# buffalo head cichlid set up



## james1983 (Dec 23, 2007)

I'm thinking of the following setup. I would like opinions on things to change or add. It'll be a 4ft 65 gallon tank.

Buffalo head pair
6-8 Congo tetra
4 syno nigriventris
Lots of anubias and driftwood.

A little current for the cichlids, but not enough to disrupt the cats or tetra.


----------



## KempDesign (Feb 27, 2014)

Thinking about doing a 55 with the same exact set up. The only difference is I would like to add one other pair of cichlids. Not sure which yet. I am picking up a complete 55 for $75 from a friend so this will be my next tank after I finish my 210 Mbuna tank.


----------



## Deeda (Oct 12, 2012)

I'm not sure about the Congo tetras as a tank mate but you can check the 20 long Cookie Cutter setup in the Library for some tank mate suggestions. Your tank size should be a great set up!


----------



## james1983 (Dec 23, 2007)

Deeda said:


> I'm not sure about the Congo tetras as a tank mate but you can check the 20 long Cookie Cutter setup in the Library for some tank mate suggestions. Your tank size should be a great set up!


What would be the Congo tetra issue?

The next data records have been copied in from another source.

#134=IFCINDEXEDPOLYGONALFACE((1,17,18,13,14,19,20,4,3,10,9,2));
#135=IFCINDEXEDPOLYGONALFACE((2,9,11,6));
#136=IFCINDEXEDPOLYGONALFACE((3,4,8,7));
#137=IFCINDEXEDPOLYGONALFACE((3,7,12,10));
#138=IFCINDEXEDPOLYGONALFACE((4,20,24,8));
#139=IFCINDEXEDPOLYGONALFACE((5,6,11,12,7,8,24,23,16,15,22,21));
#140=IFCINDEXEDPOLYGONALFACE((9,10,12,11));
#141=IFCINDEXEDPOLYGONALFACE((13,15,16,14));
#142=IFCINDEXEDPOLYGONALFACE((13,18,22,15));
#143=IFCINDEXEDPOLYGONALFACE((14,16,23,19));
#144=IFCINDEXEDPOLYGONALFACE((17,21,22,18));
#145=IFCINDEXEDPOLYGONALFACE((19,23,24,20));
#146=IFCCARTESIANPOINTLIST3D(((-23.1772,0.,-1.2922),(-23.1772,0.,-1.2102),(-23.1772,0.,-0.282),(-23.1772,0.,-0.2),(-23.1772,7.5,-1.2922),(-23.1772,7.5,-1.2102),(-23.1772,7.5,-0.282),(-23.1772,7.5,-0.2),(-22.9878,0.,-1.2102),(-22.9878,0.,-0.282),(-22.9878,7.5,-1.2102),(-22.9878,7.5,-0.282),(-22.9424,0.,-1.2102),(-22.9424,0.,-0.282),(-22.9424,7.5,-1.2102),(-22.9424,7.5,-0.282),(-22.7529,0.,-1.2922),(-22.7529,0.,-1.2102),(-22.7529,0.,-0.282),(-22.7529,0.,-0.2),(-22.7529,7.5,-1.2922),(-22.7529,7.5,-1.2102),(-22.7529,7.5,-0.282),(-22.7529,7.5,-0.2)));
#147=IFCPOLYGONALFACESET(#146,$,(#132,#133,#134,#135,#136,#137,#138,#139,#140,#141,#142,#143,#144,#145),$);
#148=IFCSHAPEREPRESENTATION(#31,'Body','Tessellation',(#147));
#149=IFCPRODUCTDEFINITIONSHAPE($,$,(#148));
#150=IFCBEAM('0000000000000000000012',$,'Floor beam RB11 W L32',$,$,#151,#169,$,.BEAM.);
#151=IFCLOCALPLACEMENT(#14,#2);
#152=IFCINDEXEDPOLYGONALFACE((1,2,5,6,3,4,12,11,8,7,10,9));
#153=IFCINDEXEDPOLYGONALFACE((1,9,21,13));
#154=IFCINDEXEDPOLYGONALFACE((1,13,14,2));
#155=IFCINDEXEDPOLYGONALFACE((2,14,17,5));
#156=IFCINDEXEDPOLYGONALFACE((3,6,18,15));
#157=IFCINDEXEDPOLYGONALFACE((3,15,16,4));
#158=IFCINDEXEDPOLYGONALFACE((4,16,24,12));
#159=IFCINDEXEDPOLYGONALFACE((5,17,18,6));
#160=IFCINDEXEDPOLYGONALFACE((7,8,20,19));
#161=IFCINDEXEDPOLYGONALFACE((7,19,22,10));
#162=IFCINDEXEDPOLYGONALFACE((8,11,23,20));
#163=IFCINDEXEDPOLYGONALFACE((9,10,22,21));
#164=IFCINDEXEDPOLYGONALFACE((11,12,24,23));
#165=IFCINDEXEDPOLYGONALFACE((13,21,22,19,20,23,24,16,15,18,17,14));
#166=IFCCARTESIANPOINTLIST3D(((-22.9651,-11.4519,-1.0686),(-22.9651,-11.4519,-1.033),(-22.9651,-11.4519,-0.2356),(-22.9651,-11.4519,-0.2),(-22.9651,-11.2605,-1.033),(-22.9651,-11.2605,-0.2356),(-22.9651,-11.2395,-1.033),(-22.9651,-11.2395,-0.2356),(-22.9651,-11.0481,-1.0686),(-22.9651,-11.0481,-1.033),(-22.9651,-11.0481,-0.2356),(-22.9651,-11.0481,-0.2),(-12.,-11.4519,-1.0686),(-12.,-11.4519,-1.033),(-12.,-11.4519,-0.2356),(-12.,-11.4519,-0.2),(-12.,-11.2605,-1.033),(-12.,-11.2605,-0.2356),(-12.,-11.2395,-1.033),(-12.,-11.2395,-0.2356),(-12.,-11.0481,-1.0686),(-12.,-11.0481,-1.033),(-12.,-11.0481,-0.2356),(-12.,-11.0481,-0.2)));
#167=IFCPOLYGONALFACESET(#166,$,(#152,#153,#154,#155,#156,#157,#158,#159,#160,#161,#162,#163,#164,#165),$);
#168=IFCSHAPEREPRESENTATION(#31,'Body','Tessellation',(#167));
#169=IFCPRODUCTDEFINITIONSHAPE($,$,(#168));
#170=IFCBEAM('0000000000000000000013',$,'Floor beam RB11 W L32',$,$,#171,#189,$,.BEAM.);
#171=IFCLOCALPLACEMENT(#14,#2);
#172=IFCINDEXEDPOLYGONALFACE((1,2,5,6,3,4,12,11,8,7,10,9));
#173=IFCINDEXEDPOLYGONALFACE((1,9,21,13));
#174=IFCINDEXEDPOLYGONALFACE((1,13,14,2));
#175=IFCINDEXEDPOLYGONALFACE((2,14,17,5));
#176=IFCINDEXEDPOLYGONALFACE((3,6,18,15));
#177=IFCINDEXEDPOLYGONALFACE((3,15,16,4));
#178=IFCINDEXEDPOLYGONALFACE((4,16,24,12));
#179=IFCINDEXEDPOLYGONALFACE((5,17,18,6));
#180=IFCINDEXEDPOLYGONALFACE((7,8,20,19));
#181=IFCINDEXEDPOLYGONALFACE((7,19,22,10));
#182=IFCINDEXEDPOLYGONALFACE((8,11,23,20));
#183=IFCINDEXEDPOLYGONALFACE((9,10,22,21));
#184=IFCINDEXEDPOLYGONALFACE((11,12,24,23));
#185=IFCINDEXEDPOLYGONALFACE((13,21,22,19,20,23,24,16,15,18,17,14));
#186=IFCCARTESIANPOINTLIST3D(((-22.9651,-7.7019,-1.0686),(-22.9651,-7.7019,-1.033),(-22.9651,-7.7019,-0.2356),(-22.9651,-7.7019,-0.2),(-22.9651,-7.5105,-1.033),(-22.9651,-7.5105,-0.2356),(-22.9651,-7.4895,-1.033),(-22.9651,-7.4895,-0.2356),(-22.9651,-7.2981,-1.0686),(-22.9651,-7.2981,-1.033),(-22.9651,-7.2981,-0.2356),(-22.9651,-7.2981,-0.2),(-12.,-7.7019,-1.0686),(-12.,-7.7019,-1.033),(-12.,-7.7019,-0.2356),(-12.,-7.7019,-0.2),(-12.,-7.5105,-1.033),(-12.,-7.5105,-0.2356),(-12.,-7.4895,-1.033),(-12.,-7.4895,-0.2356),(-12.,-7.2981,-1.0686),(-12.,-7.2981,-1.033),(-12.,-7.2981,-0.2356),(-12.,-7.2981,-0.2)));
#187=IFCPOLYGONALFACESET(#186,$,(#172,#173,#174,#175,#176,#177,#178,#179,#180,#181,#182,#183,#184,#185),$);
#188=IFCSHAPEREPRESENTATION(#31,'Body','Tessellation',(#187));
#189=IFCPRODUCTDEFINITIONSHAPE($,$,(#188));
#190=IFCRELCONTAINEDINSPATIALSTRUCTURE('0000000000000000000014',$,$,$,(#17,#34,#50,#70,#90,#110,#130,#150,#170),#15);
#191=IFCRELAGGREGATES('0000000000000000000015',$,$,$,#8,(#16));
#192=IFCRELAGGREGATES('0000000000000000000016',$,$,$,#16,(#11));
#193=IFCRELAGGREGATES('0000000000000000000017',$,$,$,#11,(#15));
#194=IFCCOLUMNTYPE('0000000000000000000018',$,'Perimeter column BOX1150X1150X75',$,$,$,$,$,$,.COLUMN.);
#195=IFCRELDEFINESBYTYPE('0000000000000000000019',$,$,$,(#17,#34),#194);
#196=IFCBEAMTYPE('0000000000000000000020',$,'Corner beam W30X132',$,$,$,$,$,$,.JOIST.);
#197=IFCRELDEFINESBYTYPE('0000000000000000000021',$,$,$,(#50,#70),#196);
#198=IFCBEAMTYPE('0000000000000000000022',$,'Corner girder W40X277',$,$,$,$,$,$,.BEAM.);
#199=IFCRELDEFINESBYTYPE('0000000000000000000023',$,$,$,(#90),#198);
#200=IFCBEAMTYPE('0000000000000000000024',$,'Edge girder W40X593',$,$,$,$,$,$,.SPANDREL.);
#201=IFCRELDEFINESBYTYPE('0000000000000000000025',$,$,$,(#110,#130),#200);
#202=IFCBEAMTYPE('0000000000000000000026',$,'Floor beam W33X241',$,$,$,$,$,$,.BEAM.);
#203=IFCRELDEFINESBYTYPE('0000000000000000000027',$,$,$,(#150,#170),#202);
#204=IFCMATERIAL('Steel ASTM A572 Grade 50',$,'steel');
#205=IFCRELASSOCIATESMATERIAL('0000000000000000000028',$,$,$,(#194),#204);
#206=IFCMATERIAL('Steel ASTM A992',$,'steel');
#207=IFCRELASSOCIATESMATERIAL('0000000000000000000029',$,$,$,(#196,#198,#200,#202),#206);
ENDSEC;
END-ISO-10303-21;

From what I've found they live in areas with current, same as the cichlids. I don't believe the cichlids would be aggressive with them. I've had the buffalo heads for about a year so far in a 40 breeder with a school of lampeye tetras.


----------



## Deeda (Oct 12, 2012)

I've never kept Congo tetras so that is what I meant by my comment.


----------



## james1983 (Dec 23, 2007)

Deeda said:


> I've never kept Congo tetras so that is what I meant by my comment.


Oh ok. I thought maybe you had a past bad experience with them. Thanks for clarifying.


----------



## mambee (Apr 13, 2003)

Congo Tetras are ok with anything that doesn't fit in their mouths. They are very attuned to insects hitting the surface of the water. Just make sure that you purchase a good mix of the 2 sexes. The males are much prettier and have longer fins than the females.

If you want to complete your African theme, African butterflyfish would make a nice addition to the top layer of the tank.


----------



## james1983 (Dec 23, 2007)

mambee said:


> Congo Tetras are ok with anything that doesn't fit in their mouths. They are very attuned to insects hitting the surface of the water. Just make sure that you purchase a good mix of the 2 sexes. The males are much prettier and have longer fins than the females.
> 
> If you want to complete your African theme, African butterflyfish would make a nice addition to the top layer of the tank.


I've actually been thinking of adding a butterfly fish.


----------



## lizardboy (Jun 10, 2015)

Yeah, the butterfly fish would be a cool addition. Also, the bigger african tetras are known to eat plants, so they might eat your anubias.


----------